Het eerste aspect is de neiging tot zelfverwezenlijking (self-actualizing tendency). De neiging tot zelfverwezenlijking ligt in de natuur van de mens en geeft de mens de drang om zichzelf te ontwikkelen en te ontplooien. Bij dit proces hebben het individu en de omgeving een grote invloed. Het gaat hierbij om gedachten en gevoelens die het individu over zichzelf heeft en over de omgeving.

Ten tweede bij de subjectieve waarneming gaat het er om hoe de persoon de werkelijkheid van zichzelf en zijn omgeving ervaart. Dit wordt ook wel percipiëren genoemd.

Ten derde wordt er bij het persoonlijk waarderingsproces een combinatie gemaakt tussen zelfverwezenlijking en subjectieve waarneming. Het gaat hierbij om een ontwikkeling waarbij ervaringen worden getoetst die bijdragen aan de zelfverwezenlijking. Die zowel positief als negatief kunnen worden beschouwd. Het individu zal positieve ervaringen opzoeken en de negatieve proberen te vermijden. Tot slot zal de zelfverwezenlijking leiden tot een samenhangend zelfbeeld. Hiermee wordt bedoeld dat het individu zich onafhankelijk en los ziet van andere mensen. (Van der Molen e.a., 1997)

Rogers richtte zich ook op het zelfbeeld en het ideaalbeeld. Het zelfbeeld is hoe men zichzelf ziet en het ideaalbeeld is hoe men zou willen zijn. Wanneer er een kloof ontstaat tussen het zelfbeeld en het ideaalbeeld, dan ervaren we dit als incongruentie.

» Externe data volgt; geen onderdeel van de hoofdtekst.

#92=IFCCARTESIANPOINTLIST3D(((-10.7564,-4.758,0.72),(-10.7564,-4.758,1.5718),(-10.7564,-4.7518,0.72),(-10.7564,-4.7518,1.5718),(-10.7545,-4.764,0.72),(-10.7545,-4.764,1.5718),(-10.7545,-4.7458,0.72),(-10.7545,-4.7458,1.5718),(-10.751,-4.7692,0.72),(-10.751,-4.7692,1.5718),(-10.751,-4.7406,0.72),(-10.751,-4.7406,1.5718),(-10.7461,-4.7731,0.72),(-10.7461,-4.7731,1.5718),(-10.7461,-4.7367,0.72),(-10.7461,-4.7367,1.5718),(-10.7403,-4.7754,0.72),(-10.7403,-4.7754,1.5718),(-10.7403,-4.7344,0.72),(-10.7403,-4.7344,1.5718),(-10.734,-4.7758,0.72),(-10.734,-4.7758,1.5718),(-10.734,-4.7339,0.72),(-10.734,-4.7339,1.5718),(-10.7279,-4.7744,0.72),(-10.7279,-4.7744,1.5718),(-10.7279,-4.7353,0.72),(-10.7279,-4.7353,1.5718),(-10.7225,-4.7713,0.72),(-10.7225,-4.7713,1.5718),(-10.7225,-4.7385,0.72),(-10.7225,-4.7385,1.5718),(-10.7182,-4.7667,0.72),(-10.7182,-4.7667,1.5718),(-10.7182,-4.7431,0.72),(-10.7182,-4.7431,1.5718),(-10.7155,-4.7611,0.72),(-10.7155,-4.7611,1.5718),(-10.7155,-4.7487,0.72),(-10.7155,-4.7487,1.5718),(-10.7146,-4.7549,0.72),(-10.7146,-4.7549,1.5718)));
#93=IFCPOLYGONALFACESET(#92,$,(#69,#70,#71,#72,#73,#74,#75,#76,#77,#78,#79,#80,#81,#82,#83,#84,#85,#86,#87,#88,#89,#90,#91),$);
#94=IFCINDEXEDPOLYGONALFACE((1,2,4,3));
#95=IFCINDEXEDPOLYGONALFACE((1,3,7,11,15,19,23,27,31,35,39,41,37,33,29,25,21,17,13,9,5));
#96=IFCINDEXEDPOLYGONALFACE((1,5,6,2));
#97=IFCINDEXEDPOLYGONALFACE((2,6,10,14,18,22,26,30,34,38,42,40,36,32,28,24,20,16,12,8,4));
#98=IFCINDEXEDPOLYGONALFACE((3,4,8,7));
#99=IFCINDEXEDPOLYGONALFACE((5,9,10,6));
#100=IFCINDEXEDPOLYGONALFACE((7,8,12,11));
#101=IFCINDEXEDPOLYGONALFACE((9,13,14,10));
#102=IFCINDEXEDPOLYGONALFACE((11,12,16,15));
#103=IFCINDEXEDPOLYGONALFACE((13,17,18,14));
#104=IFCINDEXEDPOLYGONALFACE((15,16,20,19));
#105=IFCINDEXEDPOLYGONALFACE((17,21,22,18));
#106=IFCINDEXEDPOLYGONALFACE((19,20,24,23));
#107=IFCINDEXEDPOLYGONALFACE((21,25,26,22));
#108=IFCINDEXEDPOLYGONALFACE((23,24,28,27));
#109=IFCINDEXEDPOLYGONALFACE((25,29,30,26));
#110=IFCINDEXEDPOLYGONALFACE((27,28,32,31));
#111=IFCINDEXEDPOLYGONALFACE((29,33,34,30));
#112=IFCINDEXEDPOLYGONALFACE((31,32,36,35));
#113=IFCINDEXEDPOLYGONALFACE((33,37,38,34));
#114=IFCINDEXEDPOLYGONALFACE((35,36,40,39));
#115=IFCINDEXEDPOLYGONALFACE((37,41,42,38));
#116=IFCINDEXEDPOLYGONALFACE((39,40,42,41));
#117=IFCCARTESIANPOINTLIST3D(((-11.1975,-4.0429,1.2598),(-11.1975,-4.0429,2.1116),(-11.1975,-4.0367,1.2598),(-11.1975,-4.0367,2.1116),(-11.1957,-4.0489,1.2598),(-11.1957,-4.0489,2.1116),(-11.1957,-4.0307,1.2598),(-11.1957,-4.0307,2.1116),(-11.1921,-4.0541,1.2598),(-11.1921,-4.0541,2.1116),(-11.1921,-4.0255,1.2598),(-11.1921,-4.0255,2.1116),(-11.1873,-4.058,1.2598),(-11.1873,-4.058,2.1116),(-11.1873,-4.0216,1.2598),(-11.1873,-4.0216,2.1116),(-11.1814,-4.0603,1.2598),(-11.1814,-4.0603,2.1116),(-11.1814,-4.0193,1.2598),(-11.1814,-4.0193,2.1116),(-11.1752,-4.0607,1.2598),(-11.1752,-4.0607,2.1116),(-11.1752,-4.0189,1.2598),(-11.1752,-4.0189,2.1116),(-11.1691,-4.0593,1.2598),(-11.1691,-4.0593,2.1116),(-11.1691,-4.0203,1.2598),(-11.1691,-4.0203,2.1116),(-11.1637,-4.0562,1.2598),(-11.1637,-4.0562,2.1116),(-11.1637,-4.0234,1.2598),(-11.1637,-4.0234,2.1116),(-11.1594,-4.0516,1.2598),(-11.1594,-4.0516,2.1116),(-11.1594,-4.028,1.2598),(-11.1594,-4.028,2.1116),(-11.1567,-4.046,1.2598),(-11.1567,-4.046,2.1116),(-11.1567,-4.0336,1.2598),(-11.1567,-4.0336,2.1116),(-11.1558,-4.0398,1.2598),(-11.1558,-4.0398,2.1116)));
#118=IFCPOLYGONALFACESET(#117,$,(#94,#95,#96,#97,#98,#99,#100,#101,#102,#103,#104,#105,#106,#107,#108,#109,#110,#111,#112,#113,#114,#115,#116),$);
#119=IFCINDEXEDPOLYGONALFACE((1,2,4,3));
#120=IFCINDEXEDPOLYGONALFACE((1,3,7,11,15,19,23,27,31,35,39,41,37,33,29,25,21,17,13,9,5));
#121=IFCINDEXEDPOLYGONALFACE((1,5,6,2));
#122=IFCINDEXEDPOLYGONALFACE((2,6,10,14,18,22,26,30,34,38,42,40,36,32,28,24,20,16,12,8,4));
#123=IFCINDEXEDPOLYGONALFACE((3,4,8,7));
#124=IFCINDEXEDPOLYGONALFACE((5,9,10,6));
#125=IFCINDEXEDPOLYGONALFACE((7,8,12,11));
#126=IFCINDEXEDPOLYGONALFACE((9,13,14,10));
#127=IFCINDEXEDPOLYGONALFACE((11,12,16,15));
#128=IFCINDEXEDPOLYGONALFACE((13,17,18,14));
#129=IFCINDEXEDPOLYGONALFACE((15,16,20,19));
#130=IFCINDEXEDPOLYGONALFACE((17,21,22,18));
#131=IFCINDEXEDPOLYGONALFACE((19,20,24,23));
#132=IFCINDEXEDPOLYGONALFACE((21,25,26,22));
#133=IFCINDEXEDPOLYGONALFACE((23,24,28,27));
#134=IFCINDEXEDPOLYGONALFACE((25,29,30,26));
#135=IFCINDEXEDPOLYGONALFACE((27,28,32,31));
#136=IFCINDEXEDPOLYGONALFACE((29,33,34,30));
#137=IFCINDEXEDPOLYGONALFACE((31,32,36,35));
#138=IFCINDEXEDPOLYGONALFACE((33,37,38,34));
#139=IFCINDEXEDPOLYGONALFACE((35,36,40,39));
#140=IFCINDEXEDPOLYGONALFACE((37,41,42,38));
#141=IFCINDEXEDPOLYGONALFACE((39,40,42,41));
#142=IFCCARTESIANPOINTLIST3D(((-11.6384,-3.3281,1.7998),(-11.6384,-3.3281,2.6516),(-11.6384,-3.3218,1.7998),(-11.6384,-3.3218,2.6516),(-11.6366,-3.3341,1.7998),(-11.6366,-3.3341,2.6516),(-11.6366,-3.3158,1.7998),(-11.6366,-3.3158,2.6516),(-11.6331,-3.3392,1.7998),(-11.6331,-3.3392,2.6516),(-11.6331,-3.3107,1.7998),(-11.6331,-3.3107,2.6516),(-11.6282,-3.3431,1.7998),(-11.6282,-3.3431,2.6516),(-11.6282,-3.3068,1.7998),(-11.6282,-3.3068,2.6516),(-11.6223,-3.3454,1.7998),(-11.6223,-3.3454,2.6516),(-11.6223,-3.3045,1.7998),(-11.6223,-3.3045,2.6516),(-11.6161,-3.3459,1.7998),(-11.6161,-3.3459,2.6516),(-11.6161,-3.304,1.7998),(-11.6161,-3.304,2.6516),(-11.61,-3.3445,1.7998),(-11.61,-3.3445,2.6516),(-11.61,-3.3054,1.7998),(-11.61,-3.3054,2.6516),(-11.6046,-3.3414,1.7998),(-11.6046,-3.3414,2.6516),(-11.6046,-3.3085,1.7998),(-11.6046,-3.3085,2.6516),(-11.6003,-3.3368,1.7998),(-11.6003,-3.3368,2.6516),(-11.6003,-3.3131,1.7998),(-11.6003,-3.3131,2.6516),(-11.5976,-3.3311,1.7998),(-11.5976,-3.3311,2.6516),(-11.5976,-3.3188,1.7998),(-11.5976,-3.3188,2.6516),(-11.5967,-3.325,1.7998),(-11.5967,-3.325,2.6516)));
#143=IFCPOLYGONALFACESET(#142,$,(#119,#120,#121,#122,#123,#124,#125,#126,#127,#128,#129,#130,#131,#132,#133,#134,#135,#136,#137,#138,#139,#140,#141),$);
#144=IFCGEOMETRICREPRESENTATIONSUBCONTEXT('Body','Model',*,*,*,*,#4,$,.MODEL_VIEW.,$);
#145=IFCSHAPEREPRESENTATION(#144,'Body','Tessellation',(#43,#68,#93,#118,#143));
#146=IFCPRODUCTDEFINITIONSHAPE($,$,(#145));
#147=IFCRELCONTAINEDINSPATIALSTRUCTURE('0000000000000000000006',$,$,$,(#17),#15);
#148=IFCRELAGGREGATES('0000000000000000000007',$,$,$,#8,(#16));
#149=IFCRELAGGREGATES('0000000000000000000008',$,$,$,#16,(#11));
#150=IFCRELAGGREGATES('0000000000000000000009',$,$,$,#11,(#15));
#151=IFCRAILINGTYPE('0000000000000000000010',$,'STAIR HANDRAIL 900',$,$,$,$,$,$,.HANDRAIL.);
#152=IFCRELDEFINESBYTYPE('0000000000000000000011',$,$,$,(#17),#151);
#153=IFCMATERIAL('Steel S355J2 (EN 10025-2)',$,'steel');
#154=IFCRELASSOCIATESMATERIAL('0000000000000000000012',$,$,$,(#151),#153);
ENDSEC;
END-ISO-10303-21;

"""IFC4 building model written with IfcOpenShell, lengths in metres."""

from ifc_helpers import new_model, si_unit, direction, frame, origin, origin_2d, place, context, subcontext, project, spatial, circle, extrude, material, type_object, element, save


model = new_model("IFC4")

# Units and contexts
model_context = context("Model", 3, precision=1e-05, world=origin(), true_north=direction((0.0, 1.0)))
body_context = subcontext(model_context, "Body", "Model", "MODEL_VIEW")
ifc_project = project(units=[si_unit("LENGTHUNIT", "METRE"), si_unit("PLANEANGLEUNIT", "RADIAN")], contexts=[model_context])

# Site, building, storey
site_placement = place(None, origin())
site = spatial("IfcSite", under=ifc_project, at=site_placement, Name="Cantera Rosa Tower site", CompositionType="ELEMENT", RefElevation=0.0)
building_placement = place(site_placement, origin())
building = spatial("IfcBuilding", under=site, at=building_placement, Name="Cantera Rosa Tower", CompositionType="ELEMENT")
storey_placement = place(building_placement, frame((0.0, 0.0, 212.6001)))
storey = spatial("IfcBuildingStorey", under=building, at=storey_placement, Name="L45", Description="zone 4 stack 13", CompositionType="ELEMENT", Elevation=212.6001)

“Veel mensen hebben een zelfbeeld dat niet overeen komt met hun ideaalbeeld, maar het verschil is groter naar mate men zichzelf minder accepteert”. (Glassman, 2002)

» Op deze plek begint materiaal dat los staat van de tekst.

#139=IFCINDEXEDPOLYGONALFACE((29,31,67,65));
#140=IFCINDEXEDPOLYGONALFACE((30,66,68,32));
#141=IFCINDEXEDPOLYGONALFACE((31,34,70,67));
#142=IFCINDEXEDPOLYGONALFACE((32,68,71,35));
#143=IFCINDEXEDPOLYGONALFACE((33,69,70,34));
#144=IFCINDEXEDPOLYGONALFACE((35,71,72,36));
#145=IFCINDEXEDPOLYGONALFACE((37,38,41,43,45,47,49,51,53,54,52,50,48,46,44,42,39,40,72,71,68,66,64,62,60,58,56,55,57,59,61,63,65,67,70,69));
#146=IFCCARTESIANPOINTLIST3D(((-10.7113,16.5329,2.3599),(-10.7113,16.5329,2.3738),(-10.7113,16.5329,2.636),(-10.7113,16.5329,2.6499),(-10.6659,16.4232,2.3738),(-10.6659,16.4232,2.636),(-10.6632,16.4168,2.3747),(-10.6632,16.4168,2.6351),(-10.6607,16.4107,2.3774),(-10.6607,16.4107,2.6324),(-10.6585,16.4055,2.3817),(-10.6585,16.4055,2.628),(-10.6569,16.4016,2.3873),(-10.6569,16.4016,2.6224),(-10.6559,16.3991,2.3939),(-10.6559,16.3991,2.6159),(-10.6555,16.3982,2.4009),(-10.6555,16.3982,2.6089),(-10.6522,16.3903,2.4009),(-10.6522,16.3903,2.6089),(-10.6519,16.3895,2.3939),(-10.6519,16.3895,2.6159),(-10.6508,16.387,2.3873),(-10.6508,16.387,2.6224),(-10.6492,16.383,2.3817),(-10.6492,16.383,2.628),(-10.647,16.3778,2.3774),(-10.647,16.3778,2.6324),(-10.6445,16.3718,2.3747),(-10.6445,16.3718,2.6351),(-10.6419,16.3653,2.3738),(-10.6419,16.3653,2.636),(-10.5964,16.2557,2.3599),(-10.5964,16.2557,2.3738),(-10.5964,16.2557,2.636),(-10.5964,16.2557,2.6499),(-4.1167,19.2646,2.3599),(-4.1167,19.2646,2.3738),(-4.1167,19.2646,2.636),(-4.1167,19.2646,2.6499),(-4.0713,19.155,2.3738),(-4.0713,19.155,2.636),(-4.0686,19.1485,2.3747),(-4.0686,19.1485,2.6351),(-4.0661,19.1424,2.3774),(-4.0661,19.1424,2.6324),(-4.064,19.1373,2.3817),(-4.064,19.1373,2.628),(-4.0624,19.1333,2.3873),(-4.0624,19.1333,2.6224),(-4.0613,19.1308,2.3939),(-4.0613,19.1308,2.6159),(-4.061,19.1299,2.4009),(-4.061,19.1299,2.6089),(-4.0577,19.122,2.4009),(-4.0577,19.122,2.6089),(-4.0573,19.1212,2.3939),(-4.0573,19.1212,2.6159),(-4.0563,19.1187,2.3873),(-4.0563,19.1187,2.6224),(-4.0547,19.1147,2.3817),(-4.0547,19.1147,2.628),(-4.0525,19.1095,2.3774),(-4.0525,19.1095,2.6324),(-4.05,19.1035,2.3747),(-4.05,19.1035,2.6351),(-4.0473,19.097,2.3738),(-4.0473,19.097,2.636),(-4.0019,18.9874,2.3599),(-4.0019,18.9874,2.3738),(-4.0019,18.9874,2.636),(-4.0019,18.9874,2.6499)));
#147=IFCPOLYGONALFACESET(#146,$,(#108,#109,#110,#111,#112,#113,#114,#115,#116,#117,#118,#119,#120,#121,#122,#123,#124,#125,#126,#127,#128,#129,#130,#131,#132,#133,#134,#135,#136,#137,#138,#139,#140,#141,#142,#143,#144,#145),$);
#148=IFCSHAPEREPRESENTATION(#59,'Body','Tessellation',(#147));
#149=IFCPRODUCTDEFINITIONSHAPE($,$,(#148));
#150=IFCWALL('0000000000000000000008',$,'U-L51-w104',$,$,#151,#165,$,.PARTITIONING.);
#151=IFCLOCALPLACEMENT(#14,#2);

De omgeving heeft een grote invloed op het vormen van dit ideaalbeeld. Deze invloed wordt uitgeoefend door het waarderen van het individu. Het is daarom van belang dat het individu onvoorwaardelijk gewaardeerd (geaccepteerd) wordt door de omgeving. Als er niet voldoende positieve waardering vanuit de omgeving komt, dan kunnen er bij het individu dilemma´s ontstaan. “Hij kan kiezen voor gedrag dat hoort bij de eigen, authentieke zelfverwezenlijking, maar verliest dan de liefde en waardering van anderen. Een andere mogelijkheid is dat hij ervoor kiest zich aan te passen aan de voorwaarden die anderen stellen. Hij wint dan de daarmee verbonden liefde en waardering, maar dit gaat ten koste van de authentieke zelfverwezenlijking”. Dit kan tot gevolg hebben dat het individu spanning heeft en zich onzeker voelt. (Van der Molen e.a., 1997)

2.3.2 De cliëntgerichte therapie

Zoals hierboven reeds is aangeven heeft Rogers ook een cliëntgerichte therapie ontwikkeld.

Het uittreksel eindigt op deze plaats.